For shoppers, this is great news because SF-2281 delivers an amazing amount of performance and is a mature controller that's already moved past reckless youth. The mainstream market is where high value products live, the bang for the buck crowd. The Kingston SSDNow V300 is kind of like the person in the average neighborhood with a new Vette parked in the garage though. Let's take a look.
Specifications, Pricing and Availability
A mainstream drive offered in mainstream sizes. Kingston has V300 in 60GB, 120GB and 240GB. Unlike some of the other V Series SSDs we've seen from Kinston, the V300 does not get a 500GB class model. The specs claim up to 450MB/s sequential reads and writes, but we don't have time for marketing silliness designed to steer enthusiasts to the HyperX product line. Under the new Toshiba 19nm suit beats the heart of a proven 550MB/s champion.
V300 has no less than 12 part numbers! Take each of the three capacities and expand them to four packages. The packages are Stand-Alone, Desktop Upgrade Kit, Notebook Upgrade Kit and Desktop/Notebook Upgrade Kit. Today we're showing the Notebook Upgrade Kit, but the V300 drives inside each are the same. Newegg carries nine of the 12 kits, the lowest priced 120GB model hits the credit card for $109.99 and it was the Stand-alone model. The missing models at Newegg just happened to be from the 120GB capacity size. The 60GB Stand-Alone V300 costs $69.99 at Newegg and the 240GB just $209.99. For most models the kit price adds another $10 to your order and we feel the additional money spent is worth the investment considering everything that's included.
We prefer the Notebook Upgrade Kit because it includes a USB 2.0 enclosure and they come in handy around the lab. V300 is a 7mm design so the z-height fits new ultrabooks that 9.5mm drives simply don't fit. This series is backed by a three year warranty.
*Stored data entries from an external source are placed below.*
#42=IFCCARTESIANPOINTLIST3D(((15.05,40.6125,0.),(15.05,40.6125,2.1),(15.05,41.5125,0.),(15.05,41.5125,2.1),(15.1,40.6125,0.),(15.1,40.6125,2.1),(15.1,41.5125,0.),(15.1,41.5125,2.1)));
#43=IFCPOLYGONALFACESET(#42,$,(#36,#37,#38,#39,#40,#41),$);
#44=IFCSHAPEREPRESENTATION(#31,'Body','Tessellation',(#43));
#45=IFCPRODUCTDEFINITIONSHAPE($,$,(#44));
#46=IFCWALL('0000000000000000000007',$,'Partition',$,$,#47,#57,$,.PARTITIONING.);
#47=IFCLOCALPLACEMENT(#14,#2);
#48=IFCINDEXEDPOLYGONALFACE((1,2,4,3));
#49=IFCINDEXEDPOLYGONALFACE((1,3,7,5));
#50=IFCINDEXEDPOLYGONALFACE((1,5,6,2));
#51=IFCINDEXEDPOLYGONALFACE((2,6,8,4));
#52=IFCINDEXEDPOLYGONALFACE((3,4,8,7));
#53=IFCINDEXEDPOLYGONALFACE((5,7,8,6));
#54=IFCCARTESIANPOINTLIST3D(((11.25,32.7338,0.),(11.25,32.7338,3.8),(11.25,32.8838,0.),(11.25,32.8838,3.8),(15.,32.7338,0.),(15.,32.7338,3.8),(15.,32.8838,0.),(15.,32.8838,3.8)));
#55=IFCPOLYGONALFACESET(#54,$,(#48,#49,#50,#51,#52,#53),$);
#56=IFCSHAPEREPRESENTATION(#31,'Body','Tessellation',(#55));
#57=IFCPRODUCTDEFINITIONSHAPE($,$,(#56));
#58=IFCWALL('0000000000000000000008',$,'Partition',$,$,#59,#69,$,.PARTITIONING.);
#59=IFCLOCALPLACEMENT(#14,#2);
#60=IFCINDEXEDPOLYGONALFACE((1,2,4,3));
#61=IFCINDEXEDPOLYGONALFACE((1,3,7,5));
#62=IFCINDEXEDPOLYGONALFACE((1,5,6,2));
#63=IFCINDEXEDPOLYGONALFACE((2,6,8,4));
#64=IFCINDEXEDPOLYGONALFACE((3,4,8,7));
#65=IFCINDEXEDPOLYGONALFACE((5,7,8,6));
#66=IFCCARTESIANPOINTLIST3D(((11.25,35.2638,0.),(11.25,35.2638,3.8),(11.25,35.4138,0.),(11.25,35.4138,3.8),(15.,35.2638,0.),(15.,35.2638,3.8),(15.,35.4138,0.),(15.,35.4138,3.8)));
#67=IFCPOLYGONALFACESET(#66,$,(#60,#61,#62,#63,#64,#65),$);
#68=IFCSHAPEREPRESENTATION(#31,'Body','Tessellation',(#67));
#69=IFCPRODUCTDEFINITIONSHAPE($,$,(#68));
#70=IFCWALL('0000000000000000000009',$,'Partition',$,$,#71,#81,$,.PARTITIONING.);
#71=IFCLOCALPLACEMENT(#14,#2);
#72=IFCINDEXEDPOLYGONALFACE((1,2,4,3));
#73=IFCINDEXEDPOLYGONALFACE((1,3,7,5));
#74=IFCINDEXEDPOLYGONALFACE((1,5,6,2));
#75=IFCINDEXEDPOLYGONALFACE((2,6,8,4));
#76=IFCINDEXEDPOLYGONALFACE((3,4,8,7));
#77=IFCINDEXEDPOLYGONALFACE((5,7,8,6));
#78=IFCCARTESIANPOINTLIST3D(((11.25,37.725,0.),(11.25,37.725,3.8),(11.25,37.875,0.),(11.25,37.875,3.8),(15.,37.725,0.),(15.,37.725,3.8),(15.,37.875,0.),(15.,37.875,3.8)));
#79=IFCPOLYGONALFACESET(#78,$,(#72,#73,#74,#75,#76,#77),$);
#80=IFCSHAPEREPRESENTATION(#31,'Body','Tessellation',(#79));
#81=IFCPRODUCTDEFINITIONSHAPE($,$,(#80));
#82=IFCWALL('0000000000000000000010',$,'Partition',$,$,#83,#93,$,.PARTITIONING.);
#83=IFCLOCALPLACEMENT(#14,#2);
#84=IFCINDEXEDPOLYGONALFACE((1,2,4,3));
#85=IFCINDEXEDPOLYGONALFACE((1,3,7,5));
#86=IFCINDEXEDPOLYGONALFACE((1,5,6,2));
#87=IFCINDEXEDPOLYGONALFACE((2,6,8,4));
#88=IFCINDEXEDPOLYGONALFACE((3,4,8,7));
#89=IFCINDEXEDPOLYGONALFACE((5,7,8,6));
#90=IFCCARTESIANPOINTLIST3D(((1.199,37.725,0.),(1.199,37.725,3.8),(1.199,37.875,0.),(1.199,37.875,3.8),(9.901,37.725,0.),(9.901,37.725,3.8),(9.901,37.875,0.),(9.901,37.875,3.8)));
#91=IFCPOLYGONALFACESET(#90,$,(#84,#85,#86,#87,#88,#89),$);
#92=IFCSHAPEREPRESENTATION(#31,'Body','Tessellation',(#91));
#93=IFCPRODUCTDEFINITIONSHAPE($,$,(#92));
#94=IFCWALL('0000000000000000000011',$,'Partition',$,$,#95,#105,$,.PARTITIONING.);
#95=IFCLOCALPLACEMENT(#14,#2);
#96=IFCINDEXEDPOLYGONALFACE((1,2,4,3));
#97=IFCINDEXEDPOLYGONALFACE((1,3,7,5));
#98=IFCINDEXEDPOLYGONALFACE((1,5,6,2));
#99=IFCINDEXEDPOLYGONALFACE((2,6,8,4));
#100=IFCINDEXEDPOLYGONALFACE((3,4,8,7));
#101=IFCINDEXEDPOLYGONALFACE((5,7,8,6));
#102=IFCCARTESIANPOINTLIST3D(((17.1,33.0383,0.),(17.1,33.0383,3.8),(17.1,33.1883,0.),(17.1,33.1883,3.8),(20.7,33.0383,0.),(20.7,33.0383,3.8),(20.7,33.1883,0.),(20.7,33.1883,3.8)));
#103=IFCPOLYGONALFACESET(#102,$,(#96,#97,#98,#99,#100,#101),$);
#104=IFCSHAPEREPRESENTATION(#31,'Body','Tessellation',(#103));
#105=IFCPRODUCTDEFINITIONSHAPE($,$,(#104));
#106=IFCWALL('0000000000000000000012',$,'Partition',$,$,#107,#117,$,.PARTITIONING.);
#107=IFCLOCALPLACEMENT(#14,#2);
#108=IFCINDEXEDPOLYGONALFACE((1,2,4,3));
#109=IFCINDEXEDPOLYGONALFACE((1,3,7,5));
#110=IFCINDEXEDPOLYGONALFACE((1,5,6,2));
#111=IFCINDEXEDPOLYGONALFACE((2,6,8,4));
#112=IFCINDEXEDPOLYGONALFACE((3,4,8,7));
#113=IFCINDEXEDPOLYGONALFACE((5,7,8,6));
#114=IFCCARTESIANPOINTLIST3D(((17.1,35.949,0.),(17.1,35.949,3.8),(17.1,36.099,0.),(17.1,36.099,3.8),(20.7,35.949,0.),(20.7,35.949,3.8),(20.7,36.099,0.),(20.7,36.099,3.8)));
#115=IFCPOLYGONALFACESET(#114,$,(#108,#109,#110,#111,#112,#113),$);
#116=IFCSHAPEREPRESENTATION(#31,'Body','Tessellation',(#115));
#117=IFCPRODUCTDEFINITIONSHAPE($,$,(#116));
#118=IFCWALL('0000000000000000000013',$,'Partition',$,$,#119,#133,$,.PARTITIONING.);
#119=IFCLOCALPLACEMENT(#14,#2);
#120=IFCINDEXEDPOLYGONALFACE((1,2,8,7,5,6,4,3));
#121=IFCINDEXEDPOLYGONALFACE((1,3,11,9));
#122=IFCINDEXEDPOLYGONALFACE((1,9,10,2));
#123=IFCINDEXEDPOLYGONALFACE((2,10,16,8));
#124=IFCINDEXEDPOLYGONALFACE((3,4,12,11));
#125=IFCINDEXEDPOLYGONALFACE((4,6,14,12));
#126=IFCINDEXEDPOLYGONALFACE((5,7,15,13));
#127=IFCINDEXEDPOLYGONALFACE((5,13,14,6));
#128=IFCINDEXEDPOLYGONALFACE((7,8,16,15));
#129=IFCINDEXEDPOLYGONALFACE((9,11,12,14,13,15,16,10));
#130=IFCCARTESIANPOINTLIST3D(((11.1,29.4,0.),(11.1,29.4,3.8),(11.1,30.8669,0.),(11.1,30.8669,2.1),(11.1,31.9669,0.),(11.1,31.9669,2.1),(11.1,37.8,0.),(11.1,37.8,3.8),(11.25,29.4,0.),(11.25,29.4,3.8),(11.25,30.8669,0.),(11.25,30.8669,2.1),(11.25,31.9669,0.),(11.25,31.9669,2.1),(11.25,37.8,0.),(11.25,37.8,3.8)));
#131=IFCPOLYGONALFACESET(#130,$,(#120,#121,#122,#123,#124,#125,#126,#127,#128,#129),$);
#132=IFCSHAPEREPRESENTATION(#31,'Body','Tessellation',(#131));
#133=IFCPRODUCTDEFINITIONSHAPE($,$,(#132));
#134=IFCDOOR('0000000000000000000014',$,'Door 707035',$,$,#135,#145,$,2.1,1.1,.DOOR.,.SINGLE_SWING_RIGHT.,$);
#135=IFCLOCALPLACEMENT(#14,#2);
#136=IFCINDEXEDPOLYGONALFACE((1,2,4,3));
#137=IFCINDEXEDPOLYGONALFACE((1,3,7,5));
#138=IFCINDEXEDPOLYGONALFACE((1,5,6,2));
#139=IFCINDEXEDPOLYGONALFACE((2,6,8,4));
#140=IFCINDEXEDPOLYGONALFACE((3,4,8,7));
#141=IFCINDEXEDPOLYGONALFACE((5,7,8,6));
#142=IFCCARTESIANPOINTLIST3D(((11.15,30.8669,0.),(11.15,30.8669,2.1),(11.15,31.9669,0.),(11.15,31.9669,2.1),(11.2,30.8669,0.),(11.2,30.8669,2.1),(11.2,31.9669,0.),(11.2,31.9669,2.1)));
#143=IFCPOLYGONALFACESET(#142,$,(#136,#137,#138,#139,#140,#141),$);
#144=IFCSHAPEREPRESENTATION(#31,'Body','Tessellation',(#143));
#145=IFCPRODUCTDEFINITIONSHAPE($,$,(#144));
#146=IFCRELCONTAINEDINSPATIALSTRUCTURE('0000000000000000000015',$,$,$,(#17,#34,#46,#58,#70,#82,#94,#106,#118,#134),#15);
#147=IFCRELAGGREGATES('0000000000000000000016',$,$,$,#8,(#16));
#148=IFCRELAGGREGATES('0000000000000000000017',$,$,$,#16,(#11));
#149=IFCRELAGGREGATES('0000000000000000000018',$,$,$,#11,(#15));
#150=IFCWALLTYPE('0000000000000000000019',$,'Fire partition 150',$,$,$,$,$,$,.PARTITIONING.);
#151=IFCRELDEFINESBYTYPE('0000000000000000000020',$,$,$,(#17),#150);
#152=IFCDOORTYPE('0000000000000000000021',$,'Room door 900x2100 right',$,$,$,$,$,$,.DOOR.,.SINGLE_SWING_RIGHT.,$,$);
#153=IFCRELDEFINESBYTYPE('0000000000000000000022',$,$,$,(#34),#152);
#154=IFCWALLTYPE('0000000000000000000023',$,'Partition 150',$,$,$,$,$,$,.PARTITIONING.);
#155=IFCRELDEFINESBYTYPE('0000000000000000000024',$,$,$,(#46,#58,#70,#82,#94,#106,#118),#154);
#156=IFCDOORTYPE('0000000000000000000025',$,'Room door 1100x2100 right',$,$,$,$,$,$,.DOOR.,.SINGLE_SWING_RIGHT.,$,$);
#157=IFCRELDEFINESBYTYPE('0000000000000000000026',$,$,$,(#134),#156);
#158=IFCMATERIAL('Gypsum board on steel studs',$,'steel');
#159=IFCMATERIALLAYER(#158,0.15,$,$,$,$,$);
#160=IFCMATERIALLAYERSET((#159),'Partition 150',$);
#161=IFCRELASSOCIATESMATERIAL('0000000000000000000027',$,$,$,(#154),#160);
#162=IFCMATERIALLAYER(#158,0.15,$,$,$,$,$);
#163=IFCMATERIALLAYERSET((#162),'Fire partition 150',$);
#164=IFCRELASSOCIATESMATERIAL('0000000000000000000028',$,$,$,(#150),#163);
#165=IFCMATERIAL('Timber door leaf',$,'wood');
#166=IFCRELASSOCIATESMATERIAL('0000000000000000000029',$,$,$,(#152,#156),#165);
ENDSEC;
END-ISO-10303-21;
Kingston SSDNow V300 120GB SSD
It looks like the 450MB/s rating isn't an error on the spec sheet, but we'll let our own benchmarks rate the drive. Kingston put together a nice, informative package for SSDNow V300.
All of the kit components are listed on the back of the box, which makes for a pleasant retail shopping experience. You are not leaving anything to chance and you know right away what's included.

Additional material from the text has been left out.